# Was zieht ihr unter euren Brustpanzer???



## R3D-Dr4g0N (27. Juni 2009)

servas,

hab heude meinen Oneil Hammer chest protector bekommen ich fand den vom Design und vom Preis her eig super und ham mir den geholt!!!

jo hab mir den jetzt eingestellt aber jetzt frag ich mich noch soll ich den übers Trikot ziehen was mit Optisch jetzt ned so zusagt oder soll ich was drunter ziehen???
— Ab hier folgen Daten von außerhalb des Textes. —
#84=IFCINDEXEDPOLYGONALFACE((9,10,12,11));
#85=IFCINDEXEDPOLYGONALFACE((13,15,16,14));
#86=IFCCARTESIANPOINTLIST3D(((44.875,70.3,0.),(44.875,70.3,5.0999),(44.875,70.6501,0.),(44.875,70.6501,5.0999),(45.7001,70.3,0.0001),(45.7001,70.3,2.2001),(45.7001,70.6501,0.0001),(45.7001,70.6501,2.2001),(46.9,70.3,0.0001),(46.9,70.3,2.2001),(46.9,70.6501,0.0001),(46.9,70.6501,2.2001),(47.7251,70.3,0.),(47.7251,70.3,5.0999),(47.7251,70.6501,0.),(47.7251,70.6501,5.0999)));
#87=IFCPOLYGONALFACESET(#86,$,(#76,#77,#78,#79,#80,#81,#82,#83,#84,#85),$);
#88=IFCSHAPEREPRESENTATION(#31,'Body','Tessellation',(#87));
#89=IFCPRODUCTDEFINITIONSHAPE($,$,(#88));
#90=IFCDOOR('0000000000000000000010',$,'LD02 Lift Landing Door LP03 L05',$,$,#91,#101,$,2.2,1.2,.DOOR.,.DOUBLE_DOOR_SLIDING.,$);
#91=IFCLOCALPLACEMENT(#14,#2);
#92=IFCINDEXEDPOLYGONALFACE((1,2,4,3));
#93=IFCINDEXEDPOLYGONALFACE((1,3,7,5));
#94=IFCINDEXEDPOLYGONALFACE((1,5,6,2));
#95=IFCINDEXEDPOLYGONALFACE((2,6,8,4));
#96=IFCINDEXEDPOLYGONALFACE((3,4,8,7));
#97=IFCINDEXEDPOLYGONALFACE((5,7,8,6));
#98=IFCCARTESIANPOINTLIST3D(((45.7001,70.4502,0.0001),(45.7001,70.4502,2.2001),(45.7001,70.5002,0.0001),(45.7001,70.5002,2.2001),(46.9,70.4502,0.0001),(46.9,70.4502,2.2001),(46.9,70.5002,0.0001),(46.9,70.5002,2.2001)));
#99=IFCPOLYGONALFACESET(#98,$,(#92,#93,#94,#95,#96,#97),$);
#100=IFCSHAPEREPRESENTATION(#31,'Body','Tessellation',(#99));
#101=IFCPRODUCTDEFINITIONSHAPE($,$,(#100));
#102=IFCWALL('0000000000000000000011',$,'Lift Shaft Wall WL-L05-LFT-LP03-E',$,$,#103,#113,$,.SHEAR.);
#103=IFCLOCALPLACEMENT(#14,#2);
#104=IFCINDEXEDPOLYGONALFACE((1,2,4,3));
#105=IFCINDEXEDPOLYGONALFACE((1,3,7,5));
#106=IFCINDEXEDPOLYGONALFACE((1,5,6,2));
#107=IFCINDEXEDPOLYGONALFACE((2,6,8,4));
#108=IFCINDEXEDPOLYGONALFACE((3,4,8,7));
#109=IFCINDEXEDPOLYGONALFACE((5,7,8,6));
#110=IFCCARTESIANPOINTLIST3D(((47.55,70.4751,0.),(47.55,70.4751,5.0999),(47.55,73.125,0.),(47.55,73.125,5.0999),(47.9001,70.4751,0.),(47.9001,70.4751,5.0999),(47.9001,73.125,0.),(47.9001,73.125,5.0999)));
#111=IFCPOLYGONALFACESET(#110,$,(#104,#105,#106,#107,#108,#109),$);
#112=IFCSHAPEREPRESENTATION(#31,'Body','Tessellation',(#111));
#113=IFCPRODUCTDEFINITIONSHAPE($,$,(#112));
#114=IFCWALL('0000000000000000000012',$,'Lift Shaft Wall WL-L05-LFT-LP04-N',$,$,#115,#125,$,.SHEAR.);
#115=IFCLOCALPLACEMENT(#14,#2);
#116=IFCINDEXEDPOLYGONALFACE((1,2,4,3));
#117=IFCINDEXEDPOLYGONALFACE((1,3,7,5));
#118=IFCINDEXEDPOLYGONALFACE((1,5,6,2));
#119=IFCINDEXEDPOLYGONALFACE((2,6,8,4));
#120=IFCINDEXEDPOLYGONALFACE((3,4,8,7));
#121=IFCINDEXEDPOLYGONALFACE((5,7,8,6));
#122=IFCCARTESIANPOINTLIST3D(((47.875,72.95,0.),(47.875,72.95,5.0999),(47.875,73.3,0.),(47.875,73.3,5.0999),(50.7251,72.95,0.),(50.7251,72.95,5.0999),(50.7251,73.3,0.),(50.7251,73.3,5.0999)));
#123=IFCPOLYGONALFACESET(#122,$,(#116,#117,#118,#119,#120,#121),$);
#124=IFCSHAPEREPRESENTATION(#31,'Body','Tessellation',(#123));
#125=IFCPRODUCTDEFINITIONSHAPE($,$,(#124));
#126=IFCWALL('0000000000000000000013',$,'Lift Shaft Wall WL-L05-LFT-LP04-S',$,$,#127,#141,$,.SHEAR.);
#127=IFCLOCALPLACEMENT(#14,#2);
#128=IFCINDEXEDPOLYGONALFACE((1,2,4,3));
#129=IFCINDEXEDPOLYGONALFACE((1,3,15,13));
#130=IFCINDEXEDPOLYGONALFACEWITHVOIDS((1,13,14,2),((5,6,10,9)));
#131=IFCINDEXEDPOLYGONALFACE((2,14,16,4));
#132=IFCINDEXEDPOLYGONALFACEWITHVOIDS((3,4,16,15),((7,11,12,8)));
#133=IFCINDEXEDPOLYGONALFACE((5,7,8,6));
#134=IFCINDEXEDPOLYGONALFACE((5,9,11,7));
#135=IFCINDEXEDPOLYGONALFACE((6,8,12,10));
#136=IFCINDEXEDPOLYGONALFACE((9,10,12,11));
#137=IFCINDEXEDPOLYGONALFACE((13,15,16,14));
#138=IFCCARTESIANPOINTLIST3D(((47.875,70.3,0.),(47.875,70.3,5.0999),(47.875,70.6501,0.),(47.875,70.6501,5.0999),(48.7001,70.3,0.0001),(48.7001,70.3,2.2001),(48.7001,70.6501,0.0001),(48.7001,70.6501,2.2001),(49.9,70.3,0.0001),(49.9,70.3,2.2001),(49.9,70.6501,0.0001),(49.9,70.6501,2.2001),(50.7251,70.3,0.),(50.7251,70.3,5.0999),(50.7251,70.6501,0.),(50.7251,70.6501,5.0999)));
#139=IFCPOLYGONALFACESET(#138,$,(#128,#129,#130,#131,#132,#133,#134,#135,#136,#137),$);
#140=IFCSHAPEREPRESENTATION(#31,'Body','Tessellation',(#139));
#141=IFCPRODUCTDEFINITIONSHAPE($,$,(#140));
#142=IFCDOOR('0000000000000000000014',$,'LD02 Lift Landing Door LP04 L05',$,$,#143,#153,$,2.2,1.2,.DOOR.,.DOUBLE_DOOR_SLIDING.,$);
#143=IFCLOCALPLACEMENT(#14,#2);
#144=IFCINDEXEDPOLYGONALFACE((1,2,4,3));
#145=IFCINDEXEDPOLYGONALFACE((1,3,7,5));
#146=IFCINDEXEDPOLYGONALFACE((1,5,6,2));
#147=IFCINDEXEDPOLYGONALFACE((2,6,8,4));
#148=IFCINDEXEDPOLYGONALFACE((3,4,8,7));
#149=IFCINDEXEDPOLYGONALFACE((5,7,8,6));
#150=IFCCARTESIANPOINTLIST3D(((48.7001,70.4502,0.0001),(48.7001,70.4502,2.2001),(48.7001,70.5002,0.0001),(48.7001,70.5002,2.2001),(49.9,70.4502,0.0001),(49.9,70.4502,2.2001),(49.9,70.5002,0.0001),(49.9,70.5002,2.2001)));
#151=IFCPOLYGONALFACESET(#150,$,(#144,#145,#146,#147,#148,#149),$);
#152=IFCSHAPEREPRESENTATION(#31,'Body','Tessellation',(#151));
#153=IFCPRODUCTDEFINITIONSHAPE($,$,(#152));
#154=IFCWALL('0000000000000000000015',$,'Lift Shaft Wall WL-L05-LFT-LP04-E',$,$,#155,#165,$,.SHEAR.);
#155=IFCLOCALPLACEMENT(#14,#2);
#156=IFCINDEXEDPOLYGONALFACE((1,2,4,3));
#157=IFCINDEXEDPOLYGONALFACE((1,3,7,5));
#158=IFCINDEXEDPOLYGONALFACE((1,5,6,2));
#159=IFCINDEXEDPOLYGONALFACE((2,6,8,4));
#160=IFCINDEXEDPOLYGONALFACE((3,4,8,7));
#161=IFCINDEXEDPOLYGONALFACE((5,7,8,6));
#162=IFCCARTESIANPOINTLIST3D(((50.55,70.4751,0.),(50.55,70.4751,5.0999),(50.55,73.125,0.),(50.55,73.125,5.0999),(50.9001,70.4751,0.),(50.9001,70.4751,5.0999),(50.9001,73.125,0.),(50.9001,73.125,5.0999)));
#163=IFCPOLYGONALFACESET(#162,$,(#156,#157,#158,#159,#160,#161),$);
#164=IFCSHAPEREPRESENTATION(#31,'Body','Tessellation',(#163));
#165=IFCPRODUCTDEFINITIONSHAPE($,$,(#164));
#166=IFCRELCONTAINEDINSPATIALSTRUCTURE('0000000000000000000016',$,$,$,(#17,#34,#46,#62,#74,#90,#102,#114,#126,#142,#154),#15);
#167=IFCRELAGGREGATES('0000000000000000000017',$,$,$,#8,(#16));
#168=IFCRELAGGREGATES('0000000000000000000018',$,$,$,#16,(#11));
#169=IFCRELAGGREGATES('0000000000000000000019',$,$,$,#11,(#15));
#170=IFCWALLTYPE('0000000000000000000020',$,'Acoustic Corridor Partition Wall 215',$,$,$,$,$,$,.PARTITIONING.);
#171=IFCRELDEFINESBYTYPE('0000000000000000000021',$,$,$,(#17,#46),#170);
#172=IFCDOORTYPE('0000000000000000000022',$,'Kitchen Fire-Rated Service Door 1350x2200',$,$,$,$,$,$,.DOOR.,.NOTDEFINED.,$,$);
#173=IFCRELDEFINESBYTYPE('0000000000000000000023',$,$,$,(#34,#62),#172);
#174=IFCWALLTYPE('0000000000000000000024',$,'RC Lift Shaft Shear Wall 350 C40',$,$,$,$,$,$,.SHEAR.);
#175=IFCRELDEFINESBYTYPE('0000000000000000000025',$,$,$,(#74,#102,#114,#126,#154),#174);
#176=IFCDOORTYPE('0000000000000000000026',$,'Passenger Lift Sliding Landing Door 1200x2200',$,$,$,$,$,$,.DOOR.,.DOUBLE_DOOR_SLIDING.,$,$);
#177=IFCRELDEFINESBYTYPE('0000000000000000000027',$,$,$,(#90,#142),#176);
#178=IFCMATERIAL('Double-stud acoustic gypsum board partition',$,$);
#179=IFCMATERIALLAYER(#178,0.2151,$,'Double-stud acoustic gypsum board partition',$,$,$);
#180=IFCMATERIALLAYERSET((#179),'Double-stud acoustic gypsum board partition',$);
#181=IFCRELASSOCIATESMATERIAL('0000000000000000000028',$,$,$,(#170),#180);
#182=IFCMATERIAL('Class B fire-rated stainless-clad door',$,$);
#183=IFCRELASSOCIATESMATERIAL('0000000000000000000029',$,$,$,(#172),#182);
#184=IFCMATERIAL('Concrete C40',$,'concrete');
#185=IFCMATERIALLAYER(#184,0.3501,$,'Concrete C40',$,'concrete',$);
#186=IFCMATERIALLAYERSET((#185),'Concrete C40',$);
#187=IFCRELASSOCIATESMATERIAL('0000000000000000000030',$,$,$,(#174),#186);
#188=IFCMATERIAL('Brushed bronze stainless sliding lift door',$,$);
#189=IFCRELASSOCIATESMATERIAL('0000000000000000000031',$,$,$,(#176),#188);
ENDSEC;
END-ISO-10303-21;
irgendso ne Art funktionswäsche wie macht ihr dass???


----------



## sramx9 (27. Juni 2009)

von innen nach außen: atmungsaktives t-shirt, Kakerlakenjacke, Trikot

Gruß
Jörg


----------



## MTB-News.de




----------



## R3D-Dr4g0N (27. Juni 2009)

unter Kakerlakenjacke muss ich dann wohl die Protektorenjacke verstehen???


----------



## sramx9 (27. Juni 2009)

genau


----------



## Volc0m (27. Juni 2009)

Ich zieh bis jetz nichts drunter 

Werd mir aber bald mal ein gutes Funktionsshirt holen, dann sifft es das teil nicht immer so mit Körperausdunstungen ein


----------



## R3D-Dr4g0N (27. Juni 2009)

ja ich hatte letztes mal so ne Protektoren Jacken dings von TSG ausgeliehen da hatte ich auch nichts drunter an das war allerdings nicht so unbequem wie der Oneil Schalen Brustpanzer den kann ich mir ohne was drunter ned sehr bequem vorstellen !!!


----------



## Fhal (29. Juni 2009)

Ein Kollege fährt seine "Kakerlakenjacke" (lustiges Wort) auch direkt auf der Haut 

Für mich persönluch geht das garnicht, daher trag ich so ein billiges Funktions-Laufshirt von Decathlon drunter.


----------



## sramx9 (29. Juni 2009)

Käme für mich auch nicht in Frage.
Tshirt ist ein Muss. Kumpel fährt die gleiche Jacke ( ixs assault ) auch nur mit shirt.


----------



## Pilatus (29. Juni 2009)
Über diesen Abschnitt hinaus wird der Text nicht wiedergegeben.